Why don't you just call bikes direct, or wait...I think I hear bikes direct guy quickly approaching here on roadbikereview.com


----------



## Vibe (Jan 11, 2011)

Hooben said:


> Why don't you just call bikes direct, or wait...I think I hear bikes direct guy quickly approaching here on roadbikereview.com


I'm not sure if I am understanding correctly.
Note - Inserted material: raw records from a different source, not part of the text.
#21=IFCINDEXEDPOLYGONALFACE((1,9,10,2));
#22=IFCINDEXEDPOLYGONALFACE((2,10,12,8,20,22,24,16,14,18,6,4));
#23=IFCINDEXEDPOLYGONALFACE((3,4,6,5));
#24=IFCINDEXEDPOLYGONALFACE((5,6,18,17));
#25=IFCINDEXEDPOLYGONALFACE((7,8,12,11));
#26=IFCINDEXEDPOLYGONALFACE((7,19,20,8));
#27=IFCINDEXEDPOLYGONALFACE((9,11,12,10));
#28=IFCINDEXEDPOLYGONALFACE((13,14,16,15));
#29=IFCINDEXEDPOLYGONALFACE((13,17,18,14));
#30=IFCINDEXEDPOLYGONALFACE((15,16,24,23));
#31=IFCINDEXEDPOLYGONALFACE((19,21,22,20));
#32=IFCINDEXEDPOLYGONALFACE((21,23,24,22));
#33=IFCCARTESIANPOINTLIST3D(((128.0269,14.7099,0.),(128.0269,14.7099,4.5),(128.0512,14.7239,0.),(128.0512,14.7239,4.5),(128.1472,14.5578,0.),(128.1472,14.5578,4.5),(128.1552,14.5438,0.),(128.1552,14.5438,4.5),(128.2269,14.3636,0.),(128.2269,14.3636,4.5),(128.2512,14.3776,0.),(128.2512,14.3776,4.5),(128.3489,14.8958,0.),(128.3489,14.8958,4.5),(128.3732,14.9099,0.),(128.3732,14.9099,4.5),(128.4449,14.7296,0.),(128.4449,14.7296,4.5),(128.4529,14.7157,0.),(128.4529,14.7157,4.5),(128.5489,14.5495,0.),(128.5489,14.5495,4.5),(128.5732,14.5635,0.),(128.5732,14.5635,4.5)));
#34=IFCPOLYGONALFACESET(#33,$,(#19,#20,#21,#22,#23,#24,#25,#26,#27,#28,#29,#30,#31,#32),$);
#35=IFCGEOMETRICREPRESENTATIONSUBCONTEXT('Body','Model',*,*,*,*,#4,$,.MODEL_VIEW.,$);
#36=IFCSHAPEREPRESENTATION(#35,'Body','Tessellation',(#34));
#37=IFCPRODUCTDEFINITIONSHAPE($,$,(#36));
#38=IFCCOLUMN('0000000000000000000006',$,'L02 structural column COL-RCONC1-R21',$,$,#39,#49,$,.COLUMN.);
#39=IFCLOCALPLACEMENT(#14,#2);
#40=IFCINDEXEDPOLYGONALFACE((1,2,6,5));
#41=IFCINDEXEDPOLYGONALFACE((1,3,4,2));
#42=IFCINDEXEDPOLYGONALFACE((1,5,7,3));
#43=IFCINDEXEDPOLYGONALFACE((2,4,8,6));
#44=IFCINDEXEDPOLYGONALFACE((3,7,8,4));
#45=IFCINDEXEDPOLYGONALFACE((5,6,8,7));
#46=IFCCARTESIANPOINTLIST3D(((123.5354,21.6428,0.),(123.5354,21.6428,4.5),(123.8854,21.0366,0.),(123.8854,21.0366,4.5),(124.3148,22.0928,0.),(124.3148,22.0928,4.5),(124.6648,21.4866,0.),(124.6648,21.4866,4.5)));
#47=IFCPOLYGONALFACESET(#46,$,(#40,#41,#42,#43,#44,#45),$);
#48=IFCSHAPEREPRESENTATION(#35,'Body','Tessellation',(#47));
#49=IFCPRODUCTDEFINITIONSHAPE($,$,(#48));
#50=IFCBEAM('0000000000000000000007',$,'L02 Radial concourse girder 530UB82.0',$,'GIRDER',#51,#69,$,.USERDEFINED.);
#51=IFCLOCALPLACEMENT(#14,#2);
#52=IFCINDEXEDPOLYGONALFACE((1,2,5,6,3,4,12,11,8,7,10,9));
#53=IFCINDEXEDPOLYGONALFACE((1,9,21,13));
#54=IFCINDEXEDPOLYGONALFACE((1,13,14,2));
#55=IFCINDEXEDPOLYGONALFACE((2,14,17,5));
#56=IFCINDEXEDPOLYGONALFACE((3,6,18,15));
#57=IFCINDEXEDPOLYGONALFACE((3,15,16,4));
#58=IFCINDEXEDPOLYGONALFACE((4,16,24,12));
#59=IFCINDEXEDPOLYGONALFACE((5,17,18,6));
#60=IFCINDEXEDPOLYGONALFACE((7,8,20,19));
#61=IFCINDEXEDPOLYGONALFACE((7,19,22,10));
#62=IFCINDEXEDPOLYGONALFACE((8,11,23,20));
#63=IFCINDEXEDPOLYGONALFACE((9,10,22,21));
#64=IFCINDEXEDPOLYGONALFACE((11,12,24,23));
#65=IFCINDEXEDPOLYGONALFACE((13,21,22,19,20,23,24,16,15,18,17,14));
I'm going to call them and ask why one bike is selling more than the other?


----------



## Elfstone (Jun 27, 2006)

Hooben said:


> Why don't you just call bikes direct, or wait...I think I hear bikes direct guy quickly approaching here on roadbikereview.com


This. :yesnod:


----------



## Hooben (Aug 22, 2004)

Why yes, you are going to ask them. See bikes direct has a way of being very truthful with their customers. In fact, just wait a few more hours and I'm sure the rep will chime in here and answer you questions in a flash.


----------



## sometimerider (Sep 21, 2007)

I suspect that BD gets their bikes in batches, but not all models at the same time. When they have a new batch of a given model (perhaps the Knight), they will likely have all sizes available. But after a few months, some sizes may sell out.


----------



## darth sidious (Feb 10, 2011)

if you would accept my advise here it is, go to the local bike store and find the exact bike or close to it with the components of the bd bike you want to get. test ride it. come home and save 50% or more. the bd bike will be the same when you open the box and put the tire on and tighten the bolts, as the one you test rode. you will have a great satisfaction of knowing that you did not over pay for a bike of equal components. 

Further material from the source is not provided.